Did you know that knee pain is actually very common, especially in the over 50s age group?
In fact, the latest research reveals nearly 10% of the Australian population are suffering from and will likely suffer from osteoarthritis of the knee in the near future. It is also more common in females.
Knee and shin pain
Sharp pains or cracking noises from the knee.
Stiffness in the morning
Weakness in the leg or ‘giving way.’
Difficulty standing long periods
Trouble getting in/out of car
Sitting in low chairs and getting up (e.g. couch, toilet)
Walking long distances.
Is it arthritis?
Arthritis progresses slowly and in many people never gets to the point where their cartilage within the joint is completely worn out. Much of the pain is due to swelling and involves all the structures of the joint including muscles, bone and the soft capsule that surrounds it.
Even when your x-rays show arthritis, you still have cartilage left in your joint! So, is it really “bone on bone?” For most people, the answer is no.
Do I need a scan or x-ray?
The answer is probably not straight away, there is good evidence that a physiotherapy led program can significantly improve pain and function so the answer is to seek treatment before seeking a scan or x-ray.
There is also a poor correlation between the x-ray findings and symptoms. The x-ray may reveal arthritis which may look worrying but this is not always the cause of your knee pain.
The most common causes are:
Lack of exercise especially strength around the knee and hips
Poor postural habits – such as crossing your legs too much or standing with all your weight on one leg
Walking on uneven ground and up and down stairs and hills.
The good news?
Research has shown that an exercise program for your knee is more likely to give a positive response after 12 weeks with at least 8-12 sessions. In fact if you strengthen not only your knee muscles but your hip muscles also greater improvement is gained.
You are more likely to do your exercises and get better results if you are guided by a physiotherapist rather than just follow a leaflet or read 'Dr Google!'
You're also more likely to gain better results if you exercise in a group.
A combination of aerobic, endurance, resistance and balance exercises are best, they must be performed 3-4 times per week and over 12 weeks for best results.
You may be surprised because walking and exercise can make you feel worse initially, but the key is to find a type of exercise that suits you and doesn’t increase the load in your joints.
So what can I do on a daily basis to help myself?

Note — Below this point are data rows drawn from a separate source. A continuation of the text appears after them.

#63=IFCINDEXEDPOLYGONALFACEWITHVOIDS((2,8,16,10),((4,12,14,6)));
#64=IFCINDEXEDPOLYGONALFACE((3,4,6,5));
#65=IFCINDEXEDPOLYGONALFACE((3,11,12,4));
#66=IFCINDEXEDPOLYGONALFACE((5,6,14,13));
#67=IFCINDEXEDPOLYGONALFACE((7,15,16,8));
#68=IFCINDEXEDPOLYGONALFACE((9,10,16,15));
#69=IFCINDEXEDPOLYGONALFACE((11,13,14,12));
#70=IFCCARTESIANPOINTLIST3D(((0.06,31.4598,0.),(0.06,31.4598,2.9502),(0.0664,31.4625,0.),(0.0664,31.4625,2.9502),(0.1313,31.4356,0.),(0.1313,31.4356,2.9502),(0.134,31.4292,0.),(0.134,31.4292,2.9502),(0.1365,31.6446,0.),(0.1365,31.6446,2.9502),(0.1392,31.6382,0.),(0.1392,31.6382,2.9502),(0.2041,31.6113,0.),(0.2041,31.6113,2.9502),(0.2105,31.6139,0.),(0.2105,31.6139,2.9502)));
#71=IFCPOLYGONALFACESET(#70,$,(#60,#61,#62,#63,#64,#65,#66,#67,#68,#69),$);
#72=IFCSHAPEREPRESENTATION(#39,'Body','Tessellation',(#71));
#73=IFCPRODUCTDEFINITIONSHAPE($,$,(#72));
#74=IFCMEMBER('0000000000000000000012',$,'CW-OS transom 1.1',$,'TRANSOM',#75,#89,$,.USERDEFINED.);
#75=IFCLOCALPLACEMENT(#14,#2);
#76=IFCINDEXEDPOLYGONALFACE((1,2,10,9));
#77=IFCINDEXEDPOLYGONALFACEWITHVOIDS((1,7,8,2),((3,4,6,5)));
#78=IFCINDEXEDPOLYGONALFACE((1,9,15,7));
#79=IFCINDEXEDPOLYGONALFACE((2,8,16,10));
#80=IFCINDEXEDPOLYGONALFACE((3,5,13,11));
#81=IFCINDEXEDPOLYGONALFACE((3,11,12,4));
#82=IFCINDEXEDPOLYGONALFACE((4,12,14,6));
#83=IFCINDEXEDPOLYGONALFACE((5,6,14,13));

When sitting try not to sit in a low chair or cross your legs for long periods of time
When standing try to stand with even weight on both legs
Start a simple exercise program such as walking but make sure you have good cushioned footwear and avoid hills and stairs
Avoid repetitive kneeling and squatting as these activities place a lot of unnecessary stress on our knee joints, all of which can lead to overuse injuries like bursitis and tendonitis
Spread out tasks such as gardening and other odd jobs around the home. For example with gardening do a little bit of weeding interspersed with pruning or watering, or weed one garden bed then resting before moving on to the next. You’ll be surprised how much of a difference this can make and your knees will thank you for it!
Other things that can help your knees is to kneel on an old folded towel. The extra padding with cushion the front of your knees against the hard ground, dispersing the pressure away from sensitive tendons and the bursa under the knee cap. Another handy tip is to sit on a small stool or bucket turned up. This will help you avoid all of that squatting, which doesn’t do wonders for you back or hips!
What if I am already booked in for a knee operation?
Pre-operative rehabilitation is also important in optimising the outcome of your procedure.
While the need for rehabilitation following surgery (post op) is well appreciated, the importance of exercising before surgery (pre-op) is often overlooked.
Often, due to a long period of pain and reduced activity/exercise leading up to surgery, muscles become weaker, and walking, balance and fitness deteriorate.
It is therefore recommended that you perform a program of land and/or water based strengthening, flexibility and general fitness exercises three times a week for at least 6-12 weeks prior to surgery. This should be done under the guidance of a suitably qualified physiotherapist and often more effectively performed in a group.
Studies have shown reduced pain and increased physical function following surgery in patients who had performed an exercise program prior to surgery compared with those who had not. It has also been shown to reduce the chance that you will require extended inpatient rehabilitation prior to being discharged home after surgery. So, you can get back to the comfort of your own home sooner!
Improved muscle strength reduces the effects of muscle wasting following surgery, making standing, walking and getting out of bed or a chair much easier.
Other benefits of a pre-op exercise program include:
Improved balance – reduces the risk of falls
Weight loss – reduces stresses on your new joint and other joints
Improved general fitness – decreases the risk of surgical and post op complications
Familiarisation with the exercises and program you will perform following surgery
Improved mental preparation for the surgery
All this leads to a better outcome and reduced recovery time following your surgical procedure!
So see your physio today to start a specific exercise program and say goodbye to knee pain and get back to work, sport and life!